Publié le 2 décembre 2025 à 06h05. Apple est en pleine restructuration de son équipe dédiée à l’intelligence artificielle, après un lancement difficile de son assistant « Apple Intelligence » et des performances décevantes de Siri. John Giannandrea, responsable de l’IA chez Apple depuis 2018, quittera ses fonctions au printemps, remplacé par un ancien cadre de Microsoft et de Google.
- John Giannandrea, figure clé de l’IA chez Apple, quittera ses fonctions au printemps prochain.
- Amar Subramanya, expert en IA ayant travaillé chez Microsoft et Google, prendra la direction de l’équipe.
- Le lancement d’« Apple Intelligence » a été marqué par des erreurs et des critiques, mettant en lumière les difficultés d’Apple dans ce domaine.
Le départ de John Giannandrea intervient après une période tumultueuse pour Apple en matière d’intelligence artificielle. L’entreprise a été confrontée à des critiques sévères concernant « Apple Intelligence », son assistant lancé en octobre 2024, et à des retards dans la refonte de Siri. Selon des sources proches de l’entreprise, Tim Cook avait déjà marginalisé Giannandrea en confiant la supervision de Siri à Mike Rockwell, créateur du Vision Pro, dès le mois de mars dernier.
Amar Subramanya, le nouveau responsable de l’IA, arrive avec un pedigree impressionnant. Il a passé 16 ans chez Google, où il a récemment dirigé l’ingénierie de l’assistant Gemini. Ce recrutement est perçu comme un atout majeur pour Apple, car Subramanya connaît parfaitement la concurrence dans le domaine de l’IA. Il relèvera directement de Craig Federighi, responsable des logiciels d’Apple, et aura pour mission de relancer les efforts d’Apple dans ce secteur crucial.
Les débuts d’« Apple Intelligence » ont été entachés par des erreurs embarrassantes. Une fonction de résumé des notifications a généré de fausses informations, suscitant des plaintes de la part de médias comme la BBC qui a signalé à deux reprises des erreurs concernant des affaires judiciaires et des compétitions sportives comme celle du joueur de fléchettes Luke Littler. Ces incidents ont mis en évidence les lacunes de l’assistant et ont terni l’image d’Apple.
Un enquête approfondie de Bloomberg a révélé des problèmes organisationnels au sein de l’équipe d’IA d’Apple, notamment un manque de communication entre les équipes, des désalignements budgétaires et un leadership contesté. Certains employés ont même surnommé le groupe de Giannandrea « AI/MLess », en référence à ses difficultés à produire des résultats concrets. Le rapport a également souligné un exode de chercheurs en IA vers des concurrents tels qu’OpenAI, Google et Meta.
Face à ces difficultés, Apple envisagerait désormais de s’appuyer sur Gemini de Google pour alimenter la prochaine version de Siri selon les informations de Bloomberg.
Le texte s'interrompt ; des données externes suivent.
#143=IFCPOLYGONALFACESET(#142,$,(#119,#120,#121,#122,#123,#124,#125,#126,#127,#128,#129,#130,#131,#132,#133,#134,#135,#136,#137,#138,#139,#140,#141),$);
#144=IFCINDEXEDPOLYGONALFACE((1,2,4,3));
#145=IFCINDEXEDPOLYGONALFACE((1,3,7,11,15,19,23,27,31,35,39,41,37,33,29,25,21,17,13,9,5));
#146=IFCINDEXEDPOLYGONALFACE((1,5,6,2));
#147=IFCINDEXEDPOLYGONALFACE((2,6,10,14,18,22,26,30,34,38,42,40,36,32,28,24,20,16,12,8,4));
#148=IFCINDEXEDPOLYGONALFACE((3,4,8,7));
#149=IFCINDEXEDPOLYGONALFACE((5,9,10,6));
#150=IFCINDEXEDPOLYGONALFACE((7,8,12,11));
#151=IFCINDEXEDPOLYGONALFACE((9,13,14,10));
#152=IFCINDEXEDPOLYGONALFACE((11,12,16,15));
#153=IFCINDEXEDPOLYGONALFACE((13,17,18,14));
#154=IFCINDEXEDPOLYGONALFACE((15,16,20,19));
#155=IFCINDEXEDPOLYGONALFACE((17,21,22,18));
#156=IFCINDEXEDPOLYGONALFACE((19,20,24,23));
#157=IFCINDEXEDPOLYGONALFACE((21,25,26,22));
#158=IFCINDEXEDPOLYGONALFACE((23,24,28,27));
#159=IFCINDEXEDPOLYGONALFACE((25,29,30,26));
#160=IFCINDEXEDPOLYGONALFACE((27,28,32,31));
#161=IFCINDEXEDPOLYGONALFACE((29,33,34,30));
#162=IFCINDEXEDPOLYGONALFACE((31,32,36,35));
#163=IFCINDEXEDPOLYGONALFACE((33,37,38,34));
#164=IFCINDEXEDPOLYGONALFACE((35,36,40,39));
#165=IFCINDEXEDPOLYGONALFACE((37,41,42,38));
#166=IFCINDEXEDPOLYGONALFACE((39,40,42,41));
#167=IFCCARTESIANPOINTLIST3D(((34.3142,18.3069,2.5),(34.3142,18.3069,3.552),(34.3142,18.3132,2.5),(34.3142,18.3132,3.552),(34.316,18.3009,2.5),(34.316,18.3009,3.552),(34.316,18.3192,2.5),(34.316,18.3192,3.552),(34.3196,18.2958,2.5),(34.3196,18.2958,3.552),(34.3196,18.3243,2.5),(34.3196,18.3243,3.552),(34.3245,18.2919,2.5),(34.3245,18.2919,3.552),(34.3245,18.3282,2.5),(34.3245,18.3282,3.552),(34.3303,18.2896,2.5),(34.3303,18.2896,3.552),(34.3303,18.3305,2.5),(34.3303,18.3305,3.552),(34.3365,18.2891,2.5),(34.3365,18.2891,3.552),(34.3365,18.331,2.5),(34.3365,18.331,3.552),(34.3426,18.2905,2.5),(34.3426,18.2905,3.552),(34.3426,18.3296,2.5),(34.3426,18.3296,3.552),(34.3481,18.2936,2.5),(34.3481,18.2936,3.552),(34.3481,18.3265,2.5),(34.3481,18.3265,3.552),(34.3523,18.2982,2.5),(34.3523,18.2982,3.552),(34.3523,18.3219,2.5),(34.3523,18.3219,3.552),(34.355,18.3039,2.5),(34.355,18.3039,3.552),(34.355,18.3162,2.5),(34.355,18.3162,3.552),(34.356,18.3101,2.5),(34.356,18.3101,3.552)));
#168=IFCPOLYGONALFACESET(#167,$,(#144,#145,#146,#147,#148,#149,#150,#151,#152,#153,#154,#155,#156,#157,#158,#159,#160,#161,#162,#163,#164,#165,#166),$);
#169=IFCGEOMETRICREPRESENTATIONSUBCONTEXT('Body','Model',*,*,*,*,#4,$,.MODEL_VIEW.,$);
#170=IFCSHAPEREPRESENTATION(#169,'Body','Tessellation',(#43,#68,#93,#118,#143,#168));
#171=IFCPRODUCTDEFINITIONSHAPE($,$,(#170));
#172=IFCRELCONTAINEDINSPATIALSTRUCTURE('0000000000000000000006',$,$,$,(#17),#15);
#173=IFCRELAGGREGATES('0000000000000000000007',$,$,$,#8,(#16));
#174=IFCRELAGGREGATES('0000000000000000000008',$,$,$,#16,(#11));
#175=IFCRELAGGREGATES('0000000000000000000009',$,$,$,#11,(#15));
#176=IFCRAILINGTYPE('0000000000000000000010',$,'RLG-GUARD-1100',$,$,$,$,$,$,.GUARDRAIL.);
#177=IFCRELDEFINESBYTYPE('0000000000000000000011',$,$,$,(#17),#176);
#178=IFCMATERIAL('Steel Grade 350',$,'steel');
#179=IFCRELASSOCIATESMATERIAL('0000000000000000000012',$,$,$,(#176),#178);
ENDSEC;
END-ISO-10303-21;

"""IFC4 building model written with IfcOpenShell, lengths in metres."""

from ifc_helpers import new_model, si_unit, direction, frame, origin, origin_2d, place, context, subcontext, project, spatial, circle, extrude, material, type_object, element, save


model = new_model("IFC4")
Cette décision, qui témoigne d’une rivalité de longue date entre les deux géants technologiques, pourrait être perçue comme un aveu d’échec pour Apple.
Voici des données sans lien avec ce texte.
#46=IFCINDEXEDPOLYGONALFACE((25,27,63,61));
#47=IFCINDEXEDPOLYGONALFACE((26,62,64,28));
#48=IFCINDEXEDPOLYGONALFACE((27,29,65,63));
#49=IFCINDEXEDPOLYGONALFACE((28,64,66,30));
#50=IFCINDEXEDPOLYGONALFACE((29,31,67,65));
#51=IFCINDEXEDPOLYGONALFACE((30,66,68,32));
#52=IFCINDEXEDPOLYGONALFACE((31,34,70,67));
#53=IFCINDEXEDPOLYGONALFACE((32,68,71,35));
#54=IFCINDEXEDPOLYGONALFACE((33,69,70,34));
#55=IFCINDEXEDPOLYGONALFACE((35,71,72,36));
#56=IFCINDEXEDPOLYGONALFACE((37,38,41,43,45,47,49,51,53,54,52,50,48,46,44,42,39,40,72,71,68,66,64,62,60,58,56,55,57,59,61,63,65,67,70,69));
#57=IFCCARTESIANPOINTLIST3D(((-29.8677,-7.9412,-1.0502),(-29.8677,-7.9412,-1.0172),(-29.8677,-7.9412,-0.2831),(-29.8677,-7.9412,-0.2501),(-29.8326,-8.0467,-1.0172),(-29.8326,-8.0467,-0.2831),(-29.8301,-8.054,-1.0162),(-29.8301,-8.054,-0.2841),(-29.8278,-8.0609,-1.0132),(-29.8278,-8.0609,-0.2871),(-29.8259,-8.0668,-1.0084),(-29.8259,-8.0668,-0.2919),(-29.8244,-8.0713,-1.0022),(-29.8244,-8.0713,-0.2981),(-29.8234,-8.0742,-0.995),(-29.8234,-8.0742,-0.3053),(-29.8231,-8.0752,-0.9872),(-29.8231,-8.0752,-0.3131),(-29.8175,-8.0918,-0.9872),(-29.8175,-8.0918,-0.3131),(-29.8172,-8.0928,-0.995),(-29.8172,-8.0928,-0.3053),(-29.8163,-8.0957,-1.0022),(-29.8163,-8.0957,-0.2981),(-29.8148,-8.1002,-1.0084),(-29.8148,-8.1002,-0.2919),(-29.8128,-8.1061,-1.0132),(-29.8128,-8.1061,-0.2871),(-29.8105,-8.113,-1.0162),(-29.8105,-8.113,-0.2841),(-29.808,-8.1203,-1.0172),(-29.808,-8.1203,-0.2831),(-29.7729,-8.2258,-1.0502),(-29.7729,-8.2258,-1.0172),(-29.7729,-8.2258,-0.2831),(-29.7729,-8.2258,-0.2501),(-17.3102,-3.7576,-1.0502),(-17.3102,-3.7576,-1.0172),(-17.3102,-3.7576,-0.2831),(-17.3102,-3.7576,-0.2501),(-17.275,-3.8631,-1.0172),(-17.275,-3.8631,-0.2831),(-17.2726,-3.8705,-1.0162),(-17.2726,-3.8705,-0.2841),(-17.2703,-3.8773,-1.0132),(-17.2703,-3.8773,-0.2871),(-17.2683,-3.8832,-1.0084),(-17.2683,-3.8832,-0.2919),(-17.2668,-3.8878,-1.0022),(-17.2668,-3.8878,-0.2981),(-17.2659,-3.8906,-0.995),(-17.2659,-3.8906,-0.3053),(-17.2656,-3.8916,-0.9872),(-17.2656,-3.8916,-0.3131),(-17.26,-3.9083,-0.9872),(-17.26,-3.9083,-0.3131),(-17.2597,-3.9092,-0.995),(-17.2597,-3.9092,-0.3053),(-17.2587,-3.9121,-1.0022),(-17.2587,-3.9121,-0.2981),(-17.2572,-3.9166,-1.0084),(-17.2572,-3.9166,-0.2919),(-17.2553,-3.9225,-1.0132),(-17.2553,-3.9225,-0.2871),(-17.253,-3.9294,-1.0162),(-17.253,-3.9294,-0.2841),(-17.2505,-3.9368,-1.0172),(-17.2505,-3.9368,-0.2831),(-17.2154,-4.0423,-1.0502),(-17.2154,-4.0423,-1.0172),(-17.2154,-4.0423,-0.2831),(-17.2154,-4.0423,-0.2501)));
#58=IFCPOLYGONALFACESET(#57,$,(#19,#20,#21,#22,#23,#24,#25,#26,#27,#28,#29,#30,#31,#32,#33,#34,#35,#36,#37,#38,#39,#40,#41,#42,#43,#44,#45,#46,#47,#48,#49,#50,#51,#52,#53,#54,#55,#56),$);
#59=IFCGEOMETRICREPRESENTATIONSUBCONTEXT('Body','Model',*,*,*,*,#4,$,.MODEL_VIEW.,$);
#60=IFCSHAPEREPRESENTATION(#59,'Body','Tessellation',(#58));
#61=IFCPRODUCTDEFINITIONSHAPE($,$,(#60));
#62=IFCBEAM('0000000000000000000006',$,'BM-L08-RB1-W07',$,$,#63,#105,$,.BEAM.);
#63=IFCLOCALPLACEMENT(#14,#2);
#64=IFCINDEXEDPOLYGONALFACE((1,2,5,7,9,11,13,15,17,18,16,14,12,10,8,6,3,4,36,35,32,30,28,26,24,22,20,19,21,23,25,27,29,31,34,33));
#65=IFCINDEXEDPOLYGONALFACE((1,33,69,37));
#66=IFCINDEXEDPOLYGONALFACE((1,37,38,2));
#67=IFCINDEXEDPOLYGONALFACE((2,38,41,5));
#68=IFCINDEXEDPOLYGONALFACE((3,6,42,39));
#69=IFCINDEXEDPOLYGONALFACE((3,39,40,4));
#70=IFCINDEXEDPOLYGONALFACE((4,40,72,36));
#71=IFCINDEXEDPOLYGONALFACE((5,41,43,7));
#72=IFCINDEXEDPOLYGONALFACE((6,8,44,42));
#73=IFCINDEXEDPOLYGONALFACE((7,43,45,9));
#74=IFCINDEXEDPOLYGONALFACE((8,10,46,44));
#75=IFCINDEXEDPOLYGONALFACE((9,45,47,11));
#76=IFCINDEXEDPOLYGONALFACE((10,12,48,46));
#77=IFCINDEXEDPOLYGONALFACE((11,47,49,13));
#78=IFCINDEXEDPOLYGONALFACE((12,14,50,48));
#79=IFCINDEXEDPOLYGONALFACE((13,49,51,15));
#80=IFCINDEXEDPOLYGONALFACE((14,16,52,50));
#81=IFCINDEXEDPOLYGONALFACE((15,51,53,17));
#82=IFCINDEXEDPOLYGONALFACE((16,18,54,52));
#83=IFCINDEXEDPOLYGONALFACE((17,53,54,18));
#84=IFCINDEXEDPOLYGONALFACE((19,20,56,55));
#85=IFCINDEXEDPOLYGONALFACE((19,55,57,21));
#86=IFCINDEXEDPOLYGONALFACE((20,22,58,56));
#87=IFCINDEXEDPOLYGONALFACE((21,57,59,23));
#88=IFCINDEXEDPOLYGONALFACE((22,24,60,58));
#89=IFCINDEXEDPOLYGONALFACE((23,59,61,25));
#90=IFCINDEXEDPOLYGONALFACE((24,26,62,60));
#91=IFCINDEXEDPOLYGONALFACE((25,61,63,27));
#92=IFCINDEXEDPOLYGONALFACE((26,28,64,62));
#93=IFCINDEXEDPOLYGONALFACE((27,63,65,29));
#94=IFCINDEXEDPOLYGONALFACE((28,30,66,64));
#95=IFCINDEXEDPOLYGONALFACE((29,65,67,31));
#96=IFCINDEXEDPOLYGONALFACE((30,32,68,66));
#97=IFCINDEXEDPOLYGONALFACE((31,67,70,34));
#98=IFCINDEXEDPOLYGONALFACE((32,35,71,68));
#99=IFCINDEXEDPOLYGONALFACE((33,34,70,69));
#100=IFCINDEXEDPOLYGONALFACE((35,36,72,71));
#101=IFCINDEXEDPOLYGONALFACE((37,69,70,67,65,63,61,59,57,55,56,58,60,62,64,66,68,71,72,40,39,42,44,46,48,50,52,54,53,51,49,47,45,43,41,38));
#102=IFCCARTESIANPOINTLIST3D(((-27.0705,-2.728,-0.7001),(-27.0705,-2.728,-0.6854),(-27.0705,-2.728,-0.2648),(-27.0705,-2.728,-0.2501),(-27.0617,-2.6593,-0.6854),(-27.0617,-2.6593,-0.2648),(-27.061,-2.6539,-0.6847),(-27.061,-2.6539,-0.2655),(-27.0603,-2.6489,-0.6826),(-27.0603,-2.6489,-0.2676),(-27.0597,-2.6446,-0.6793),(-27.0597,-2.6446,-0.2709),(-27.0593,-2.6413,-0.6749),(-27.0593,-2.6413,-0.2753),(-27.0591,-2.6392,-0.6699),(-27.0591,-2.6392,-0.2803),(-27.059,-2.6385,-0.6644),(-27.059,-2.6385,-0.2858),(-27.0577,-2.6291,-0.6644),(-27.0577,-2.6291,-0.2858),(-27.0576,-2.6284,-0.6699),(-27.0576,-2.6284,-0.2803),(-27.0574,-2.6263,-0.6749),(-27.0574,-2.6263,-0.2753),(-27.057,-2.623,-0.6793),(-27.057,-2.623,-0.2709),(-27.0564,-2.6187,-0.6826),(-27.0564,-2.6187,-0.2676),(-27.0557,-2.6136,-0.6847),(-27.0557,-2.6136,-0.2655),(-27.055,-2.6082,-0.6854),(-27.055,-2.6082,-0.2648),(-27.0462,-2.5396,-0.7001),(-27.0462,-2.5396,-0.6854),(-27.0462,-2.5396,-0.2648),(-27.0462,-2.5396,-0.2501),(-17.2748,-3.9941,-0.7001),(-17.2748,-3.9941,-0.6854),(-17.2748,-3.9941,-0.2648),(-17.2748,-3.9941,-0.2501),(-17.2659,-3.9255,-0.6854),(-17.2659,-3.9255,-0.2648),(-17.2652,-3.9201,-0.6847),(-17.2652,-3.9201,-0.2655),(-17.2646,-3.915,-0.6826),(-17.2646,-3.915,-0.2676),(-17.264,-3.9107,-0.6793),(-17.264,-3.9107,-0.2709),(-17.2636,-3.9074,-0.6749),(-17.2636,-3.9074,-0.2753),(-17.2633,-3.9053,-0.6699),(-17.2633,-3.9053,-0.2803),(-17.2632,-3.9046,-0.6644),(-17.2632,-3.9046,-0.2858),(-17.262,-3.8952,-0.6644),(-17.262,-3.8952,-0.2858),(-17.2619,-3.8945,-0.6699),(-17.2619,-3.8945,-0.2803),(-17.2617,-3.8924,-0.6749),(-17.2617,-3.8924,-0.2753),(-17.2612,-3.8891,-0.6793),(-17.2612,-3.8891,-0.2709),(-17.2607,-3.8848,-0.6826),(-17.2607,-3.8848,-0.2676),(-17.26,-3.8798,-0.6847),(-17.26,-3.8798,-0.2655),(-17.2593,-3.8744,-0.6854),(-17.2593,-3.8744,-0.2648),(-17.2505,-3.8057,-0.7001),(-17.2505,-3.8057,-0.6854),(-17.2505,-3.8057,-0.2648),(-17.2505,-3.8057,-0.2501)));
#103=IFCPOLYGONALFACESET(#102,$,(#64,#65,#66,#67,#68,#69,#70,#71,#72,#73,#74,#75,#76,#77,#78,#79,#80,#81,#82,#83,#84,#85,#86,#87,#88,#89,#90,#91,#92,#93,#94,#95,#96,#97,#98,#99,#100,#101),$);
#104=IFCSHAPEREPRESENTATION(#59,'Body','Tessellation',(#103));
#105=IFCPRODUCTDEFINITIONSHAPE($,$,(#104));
Apple a toujours privilégié une approche axée sur la confidentialité, en traitant les tâches d’IA directement sur les appareils des utilisateurs grâce à ses puces Apple Silicon. Cependant, cette stratégie présente des limites, car les modèles intégrés sont moins performants que les modèles massifs fonctionnant dans les centres de données des concurrents. La réticence d’Apple à collecter les données des utilisateurs a également entravé la formation de ses modèles d’IA.